C. Feature extraction

The major problem in image analysis arises due to the number of variables involved. These variables require a large amount of memory and computation. If the dataset is used as it is, it becomes less instructive and more redundant for doing analysis. When an algorithm has to process large datasets, then by applying this method, the dataset will be reduced to minimum dimensions. Extracting useful features from images in the dataset is the feature extraction process.
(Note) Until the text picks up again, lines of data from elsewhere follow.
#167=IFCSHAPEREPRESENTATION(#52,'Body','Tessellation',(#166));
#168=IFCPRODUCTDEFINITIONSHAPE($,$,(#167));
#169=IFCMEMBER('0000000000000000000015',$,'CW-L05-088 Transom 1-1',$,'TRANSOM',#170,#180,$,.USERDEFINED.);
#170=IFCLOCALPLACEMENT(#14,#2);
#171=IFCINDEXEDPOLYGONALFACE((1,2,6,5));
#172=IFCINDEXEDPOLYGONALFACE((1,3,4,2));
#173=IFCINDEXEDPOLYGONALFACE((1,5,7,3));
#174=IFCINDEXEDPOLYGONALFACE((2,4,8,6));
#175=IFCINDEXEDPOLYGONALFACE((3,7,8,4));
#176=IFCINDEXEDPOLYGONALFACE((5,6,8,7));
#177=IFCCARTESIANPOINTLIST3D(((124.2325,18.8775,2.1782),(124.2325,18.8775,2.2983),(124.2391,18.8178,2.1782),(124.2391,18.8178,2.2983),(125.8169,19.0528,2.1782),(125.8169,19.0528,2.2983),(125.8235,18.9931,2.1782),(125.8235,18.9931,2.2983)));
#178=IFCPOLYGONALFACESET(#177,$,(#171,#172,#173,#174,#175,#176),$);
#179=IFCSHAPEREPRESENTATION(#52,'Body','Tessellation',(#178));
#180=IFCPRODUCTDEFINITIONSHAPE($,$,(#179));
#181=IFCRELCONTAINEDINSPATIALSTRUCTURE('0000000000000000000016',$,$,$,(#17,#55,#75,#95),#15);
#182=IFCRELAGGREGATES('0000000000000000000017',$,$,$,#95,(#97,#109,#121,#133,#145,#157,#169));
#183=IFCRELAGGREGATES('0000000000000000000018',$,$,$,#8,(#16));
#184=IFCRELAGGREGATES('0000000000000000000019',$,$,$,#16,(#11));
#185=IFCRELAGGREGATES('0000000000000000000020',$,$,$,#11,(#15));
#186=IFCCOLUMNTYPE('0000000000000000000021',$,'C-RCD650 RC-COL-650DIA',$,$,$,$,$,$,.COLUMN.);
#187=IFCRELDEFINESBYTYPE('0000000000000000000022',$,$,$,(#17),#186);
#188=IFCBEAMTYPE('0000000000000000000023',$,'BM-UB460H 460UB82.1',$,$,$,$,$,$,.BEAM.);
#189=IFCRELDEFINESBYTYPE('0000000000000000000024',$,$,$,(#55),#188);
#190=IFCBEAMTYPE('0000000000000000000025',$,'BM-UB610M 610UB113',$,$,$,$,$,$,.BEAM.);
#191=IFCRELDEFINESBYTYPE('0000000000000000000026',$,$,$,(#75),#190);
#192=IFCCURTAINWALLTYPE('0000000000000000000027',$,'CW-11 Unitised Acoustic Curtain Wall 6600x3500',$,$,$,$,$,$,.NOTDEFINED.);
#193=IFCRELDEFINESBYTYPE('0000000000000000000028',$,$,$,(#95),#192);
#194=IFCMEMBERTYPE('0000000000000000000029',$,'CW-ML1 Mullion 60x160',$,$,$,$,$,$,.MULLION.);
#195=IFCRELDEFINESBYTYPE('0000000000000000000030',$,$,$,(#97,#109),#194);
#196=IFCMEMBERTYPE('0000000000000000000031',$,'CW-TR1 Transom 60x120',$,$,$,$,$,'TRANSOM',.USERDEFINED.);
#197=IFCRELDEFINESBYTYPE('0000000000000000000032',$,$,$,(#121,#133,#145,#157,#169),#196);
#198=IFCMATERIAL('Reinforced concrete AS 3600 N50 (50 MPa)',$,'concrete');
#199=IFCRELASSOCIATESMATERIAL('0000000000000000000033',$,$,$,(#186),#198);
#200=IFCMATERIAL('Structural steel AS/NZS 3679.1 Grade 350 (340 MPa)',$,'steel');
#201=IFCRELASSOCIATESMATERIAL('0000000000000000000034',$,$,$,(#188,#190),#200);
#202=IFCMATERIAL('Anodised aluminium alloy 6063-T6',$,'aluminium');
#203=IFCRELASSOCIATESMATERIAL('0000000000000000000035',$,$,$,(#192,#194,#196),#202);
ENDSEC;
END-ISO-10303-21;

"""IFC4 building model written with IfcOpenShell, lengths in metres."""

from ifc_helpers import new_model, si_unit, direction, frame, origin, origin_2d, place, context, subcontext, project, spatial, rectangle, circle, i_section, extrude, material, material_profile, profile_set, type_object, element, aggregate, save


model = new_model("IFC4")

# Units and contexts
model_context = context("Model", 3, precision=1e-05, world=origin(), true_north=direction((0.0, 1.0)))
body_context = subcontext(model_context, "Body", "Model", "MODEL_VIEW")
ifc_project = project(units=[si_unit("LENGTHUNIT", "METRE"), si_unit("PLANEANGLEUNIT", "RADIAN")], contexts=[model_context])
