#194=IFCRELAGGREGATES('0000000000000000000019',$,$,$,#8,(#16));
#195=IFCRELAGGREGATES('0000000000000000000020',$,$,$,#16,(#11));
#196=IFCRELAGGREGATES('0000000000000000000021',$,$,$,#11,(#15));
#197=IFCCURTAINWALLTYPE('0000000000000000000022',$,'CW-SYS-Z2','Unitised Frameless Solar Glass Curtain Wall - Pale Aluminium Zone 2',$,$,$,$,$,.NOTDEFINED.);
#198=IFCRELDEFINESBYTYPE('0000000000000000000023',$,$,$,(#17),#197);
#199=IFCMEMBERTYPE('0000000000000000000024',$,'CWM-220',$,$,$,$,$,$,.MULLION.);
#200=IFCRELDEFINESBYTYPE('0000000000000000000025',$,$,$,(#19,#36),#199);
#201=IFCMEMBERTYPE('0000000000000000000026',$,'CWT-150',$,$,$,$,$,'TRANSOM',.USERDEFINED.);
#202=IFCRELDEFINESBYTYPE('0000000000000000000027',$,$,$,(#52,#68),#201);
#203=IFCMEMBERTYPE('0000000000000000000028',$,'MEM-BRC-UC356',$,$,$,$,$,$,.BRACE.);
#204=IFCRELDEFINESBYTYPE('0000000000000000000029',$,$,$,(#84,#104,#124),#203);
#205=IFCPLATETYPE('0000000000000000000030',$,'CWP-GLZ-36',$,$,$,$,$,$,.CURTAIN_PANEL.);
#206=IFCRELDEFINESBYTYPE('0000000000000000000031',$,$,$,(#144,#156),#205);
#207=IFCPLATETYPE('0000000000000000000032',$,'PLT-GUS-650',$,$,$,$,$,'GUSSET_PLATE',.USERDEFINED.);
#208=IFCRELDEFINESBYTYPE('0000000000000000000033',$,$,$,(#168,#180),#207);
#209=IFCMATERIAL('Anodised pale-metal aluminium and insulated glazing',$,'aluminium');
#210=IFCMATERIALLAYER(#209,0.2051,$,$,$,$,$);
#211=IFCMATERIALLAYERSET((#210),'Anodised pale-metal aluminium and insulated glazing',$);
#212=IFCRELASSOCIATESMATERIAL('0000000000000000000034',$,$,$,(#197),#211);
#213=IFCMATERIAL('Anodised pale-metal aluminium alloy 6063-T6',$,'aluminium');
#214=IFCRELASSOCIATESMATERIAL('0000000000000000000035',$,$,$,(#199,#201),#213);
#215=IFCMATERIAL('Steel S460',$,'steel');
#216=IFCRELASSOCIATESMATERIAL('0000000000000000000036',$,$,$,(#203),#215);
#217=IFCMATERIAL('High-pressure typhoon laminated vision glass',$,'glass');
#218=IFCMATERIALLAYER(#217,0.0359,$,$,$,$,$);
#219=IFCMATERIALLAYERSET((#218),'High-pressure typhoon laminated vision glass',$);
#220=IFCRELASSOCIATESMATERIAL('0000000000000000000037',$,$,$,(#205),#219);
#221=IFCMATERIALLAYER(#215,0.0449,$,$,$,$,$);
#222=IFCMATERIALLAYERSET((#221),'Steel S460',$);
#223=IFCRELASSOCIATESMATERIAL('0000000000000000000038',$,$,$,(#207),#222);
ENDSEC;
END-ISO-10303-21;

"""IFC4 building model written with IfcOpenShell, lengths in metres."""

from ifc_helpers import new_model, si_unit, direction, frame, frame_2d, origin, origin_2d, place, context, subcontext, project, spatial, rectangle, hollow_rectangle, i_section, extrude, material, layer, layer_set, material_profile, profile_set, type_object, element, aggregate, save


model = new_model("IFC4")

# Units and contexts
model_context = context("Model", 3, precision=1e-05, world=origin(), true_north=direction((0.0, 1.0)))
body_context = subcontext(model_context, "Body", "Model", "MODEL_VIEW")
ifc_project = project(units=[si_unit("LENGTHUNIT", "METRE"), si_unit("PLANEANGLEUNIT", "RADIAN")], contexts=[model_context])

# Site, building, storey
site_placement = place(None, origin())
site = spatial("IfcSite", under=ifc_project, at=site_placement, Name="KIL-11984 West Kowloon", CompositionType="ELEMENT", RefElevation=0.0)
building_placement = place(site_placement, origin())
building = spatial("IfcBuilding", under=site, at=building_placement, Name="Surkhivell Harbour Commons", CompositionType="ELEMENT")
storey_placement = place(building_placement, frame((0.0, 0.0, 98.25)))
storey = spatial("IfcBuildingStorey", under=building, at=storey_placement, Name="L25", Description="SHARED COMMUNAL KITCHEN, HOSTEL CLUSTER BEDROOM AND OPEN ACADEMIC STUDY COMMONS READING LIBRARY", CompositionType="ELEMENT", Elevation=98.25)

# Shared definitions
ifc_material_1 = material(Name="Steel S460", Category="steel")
Various types of leaf features were extracted (Fig. 8) from the preprocessed image which are listed as follows:

  1. 1.

    Features related to shape:

    • Length.

    • Width.

    • Total area.

    • Perimeter.

    • Proportional relationship between width and length (aspect ratio).

    • Rectangularity.

    • Circularity.

  2. 2.

    Features related to color:

    • The sum of channels divided by the number of channels of R, G, and B (mean).

    • Amount of variation of a set of values of R, G, and B channels (standard deviations).

  3. 3.

    Features related to texture:

    • The difference between the textures (contrast).

    • The similarities between the textures (correlation).

    • Inverse difference.

    • Entropy.

      Fig. 8
      figure 8

      Feature set of different leaf samples

D. Classifier algorithms

Four machine learning classifier algorithms were applied to the data, which are as follows:

  1. 1.

    KNN (k-Nearest Neighbor) Algorithm.

  2. 2.

    Logistic Regression.

  3. 3.

    Naïve Bayes Algorithm.

  4. 4.

    SVM (Support Vector Machine).

These classifier algorithms were applied to the preprocessed data. The results are shown in Table 2. The Logistic Regression classifier achieves the best performance with an accuracy of 83.04% (Table 2).

Table 2 Performance of machine learning classifiers

However, due to resource constraints, for finding the highest accuracy the important parameters of every classifier were varied. The k-Nearest Neighbor (KNN) classifier gave the best accuracy of 79.49% (Table 3).

Table 3 Performance of machine learning classifiers after cross-validation

Apart from the accuracy, the performance was also assessed on a class proportion of leaves, for each class, that was accurately chosen from the entire set [3]. Precision here is the proportion of precisely identified leaves out of the total leaves that are predicted to be a specific plant while F-measure here is considered as the average of these two values [3].

Table 4 shown gives useful knowledge which can be used to test the strong aspects of the system and address its weaknesses. Plants that have low precision and recall must be reassessed. For example, new features must be designed and extracted that give uniqueness in such leaves and are determinative of their species [3].

Table 4 Performance assessment of species using KNN classifiers

In Fig. 9, the confusion matrix is shown which is obtained when using the k-Nearest Neighbor (KNN) classifier with specified attributes in each iteration. The identification was successful which is indicated by the highest values in the diagonal line. Classes ranging from 0 to 31 represent the different 32 species of plants.

Fig. 9
figure 9

Confusion matrix for KNN classifier

4 Conclusion

The main aim of this paper is to identify the medicinal plant from a given sample of a leaf. For this, we proposed an automated system for the identification of species of plants from leaves on the basis of their Color, Shape, and Texture features by using image processing techniques. Accordingly, the features were extracted from the Flavia image dataset, which consists of a total of 1907 images, and machine learning algorithms like SVM, Logistic Regression, Naïve Bayes, and KNN were applied. Accuracies of 82.69%, 83.04%, 72.90%, and 82.99% were observed, respectively. After cross-validation of the extracted features, the accuracies changed to 78.74%, 78.85%, 71.23%, and 79.49%, respectively. As a result, an inference was deduced from the observed accuracies that KNN would be best suited to the proposed solution. This system takes less processing time with increased accuracy for identification.